Our Backstory and USCIS Immigration Tips for Chinese Citizens


Some of you may be curious about some of the details of how JiaYou and I met, our life in Shanghai, and how we navigated the USCIS immigration process. So here are some highlights and some tips!

Chinese immigrant love story
My search for a water dispenser bottle led to true love

How We First Met

JiaYou and I met quite randomly. I had just finished at a private Mandarin language school near People’s Square and was looking for a new apartment in the Xujiahui area of Shanghai before starting my job as a project manager at a China markets research firm.

I chose to move into a high rise building that catered to foreigners, particularly Japanese businessmen, and I was trying to figure out how order a large tank of water for the water dispenser (tap water is not fit for consumption).

So I went downstairs and talked to the cute girl at reception and told her in my awful Mandarin, “Wo yao yi ge da ping shui.” (我要一个大瓶水。), which I thought would get my meaning across.

The girl was a bit confused… which made me confused. I mean, every family in Shanghai (and every office or place of business) has these water dispensers with these huge tanks of water on top. How could she not know what they are?

So I decided to start playing charades – motioning the drinking motion for water, mimicking the lugging around of a large tank of water, and kept on sating “Da ping shui… da ping shui…”

Finally, she understood what I was talking about. I confused her because the word for bottle “ping” (瓶)is really just for small drinking bottles you would buy at a convenience store.
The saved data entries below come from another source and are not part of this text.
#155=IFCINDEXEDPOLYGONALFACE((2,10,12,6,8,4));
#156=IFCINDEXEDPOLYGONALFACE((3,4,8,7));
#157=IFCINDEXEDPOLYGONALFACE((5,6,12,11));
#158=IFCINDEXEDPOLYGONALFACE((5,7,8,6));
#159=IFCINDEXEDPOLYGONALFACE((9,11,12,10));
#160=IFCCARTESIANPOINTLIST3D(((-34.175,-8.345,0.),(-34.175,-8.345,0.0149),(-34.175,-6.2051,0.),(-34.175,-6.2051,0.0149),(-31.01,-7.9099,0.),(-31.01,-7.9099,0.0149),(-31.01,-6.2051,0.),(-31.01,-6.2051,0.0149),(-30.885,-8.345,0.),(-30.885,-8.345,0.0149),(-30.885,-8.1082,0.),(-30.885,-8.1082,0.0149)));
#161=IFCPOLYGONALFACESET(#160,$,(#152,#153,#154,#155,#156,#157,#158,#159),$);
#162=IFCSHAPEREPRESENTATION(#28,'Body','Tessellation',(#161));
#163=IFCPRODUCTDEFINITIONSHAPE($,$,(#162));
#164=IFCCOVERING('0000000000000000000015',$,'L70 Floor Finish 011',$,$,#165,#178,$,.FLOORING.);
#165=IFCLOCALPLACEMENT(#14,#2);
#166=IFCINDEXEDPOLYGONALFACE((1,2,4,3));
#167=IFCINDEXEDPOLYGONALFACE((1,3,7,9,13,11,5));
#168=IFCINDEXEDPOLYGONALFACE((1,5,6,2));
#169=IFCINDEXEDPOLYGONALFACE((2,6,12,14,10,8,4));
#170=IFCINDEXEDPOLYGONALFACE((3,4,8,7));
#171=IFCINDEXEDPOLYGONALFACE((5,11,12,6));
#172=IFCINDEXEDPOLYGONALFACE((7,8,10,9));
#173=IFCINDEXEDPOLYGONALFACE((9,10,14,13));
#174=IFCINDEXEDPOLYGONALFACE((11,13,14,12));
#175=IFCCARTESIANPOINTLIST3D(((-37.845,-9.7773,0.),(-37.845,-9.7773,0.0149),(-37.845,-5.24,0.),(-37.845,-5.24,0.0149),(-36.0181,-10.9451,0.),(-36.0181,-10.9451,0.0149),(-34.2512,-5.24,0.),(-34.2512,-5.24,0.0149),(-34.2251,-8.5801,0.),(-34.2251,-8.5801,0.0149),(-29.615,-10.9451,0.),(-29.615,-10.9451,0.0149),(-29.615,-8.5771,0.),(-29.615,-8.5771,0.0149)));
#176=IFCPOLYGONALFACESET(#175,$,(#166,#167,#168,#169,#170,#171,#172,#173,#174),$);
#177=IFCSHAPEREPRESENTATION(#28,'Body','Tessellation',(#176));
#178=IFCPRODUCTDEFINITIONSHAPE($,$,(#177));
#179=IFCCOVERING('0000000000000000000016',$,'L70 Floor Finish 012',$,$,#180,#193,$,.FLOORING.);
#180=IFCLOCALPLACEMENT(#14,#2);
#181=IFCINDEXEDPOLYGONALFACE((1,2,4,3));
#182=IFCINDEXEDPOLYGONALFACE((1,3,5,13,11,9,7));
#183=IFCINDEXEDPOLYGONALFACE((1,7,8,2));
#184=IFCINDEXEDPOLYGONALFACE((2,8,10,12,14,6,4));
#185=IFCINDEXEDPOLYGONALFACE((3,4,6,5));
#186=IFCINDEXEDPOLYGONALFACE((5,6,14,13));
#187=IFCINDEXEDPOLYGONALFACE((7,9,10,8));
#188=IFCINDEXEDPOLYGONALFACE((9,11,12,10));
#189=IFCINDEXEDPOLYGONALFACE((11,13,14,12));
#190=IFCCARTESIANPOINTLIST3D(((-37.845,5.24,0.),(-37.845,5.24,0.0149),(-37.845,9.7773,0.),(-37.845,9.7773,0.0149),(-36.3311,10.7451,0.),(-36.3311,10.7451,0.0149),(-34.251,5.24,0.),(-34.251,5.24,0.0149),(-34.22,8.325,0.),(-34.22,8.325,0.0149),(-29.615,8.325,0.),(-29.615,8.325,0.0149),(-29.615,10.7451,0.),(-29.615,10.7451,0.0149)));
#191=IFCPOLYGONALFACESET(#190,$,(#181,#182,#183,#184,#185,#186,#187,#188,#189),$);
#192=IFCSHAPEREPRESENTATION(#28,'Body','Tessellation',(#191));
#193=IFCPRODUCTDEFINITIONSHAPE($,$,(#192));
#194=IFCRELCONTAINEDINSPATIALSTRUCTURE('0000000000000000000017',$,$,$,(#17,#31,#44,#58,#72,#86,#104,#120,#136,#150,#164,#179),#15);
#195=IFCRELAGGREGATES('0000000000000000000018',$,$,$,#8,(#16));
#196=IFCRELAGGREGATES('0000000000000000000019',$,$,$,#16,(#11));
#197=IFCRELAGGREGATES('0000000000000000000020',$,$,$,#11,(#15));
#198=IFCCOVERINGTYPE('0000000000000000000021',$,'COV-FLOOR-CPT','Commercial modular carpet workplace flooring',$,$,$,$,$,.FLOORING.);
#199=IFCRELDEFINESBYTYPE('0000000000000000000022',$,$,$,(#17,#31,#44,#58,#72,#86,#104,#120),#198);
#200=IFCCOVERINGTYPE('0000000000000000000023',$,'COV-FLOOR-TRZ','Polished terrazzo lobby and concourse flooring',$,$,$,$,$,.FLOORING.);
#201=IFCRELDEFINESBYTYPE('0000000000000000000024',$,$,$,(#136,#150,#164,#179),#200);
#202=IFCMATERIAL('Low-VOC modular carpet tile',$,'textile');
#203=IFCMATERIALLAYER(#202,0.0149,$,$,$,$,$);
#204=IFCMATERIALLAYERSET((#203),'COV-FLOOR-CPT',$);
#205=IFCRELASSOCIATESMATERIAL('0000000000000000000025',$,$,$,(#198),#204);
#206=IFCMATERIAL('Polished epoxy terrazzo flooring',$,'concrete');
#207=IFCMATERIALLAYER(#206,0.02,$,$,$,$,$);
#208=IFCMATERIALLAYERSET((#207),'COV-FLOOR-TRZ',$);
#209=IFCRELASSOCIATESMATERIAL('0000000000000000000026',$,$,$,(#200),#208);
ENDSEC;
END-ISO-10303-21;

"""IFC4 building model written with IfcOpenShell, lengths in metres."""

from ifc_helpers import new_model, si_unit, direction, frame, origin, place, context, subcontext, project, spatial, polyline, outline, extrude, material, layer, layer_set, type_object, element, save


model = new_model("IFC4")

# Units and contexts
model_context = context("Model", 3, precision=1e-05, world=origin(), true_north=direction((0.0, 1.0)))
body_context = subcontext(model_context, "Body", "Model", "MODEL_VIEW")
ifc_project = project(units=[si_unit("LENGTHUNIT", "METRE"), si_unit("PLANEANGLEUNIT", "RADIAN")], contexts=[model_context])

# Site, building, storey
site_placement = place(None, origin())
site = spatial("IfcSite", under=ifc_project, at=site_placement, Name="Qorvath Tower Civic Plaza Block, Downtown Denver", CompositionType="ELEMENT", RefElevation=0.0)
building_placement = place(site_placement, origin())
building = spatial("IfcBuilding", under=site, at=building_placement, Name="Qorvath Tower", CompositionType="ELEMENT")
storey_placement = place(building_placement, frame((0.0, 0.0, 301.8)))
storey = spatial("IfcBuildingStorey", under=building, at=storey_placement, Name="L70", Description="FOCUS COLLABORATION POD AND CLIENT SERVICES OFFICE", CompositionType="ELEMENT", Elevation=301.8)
The bottles for dispensers are called “tong” (桶)and so that was why she was so confused.

So that’s how I met my wife… (and if our future children are reading this, this is my version of How I Met Your Mother, which incidentally is a great TV show about what it’s like to be single and dating in NYC in the early 2000’s.

Life in Shanghai

Definitely too much to say, so much to reminisce about, so many places we’ve been to. I’ll do much more in-depth posts under the China Flashback and Musings categories, but some bullet point highlights:

  • First time JiaYou flew on a plane; we went to Chengdu to eat numbing spice “ma la”(麻辣) snacks and get some great shots of cute pandas
  • First time we went to a sandy, resort beach together and first time we both got severe food poisoning together (sea food is one thing you don’t want to eat on sale in Xiamen or probably anywhere, really)
  • First time we saw 4 seasons in a single day; driving through the high mountains and low valleys from Xining to Guide, Qinghai Province, following the Yellow River. Playing in the blizzard on top of the mountain pass was a great memory.
  • First time I ate dog at Jiayou’s home town. Didn’t really taste that special.
  • First time I got hit by an empty fireworks shell, during Chinese New Year.
  • First (and hopefully only) time I accidentally went to North Korea.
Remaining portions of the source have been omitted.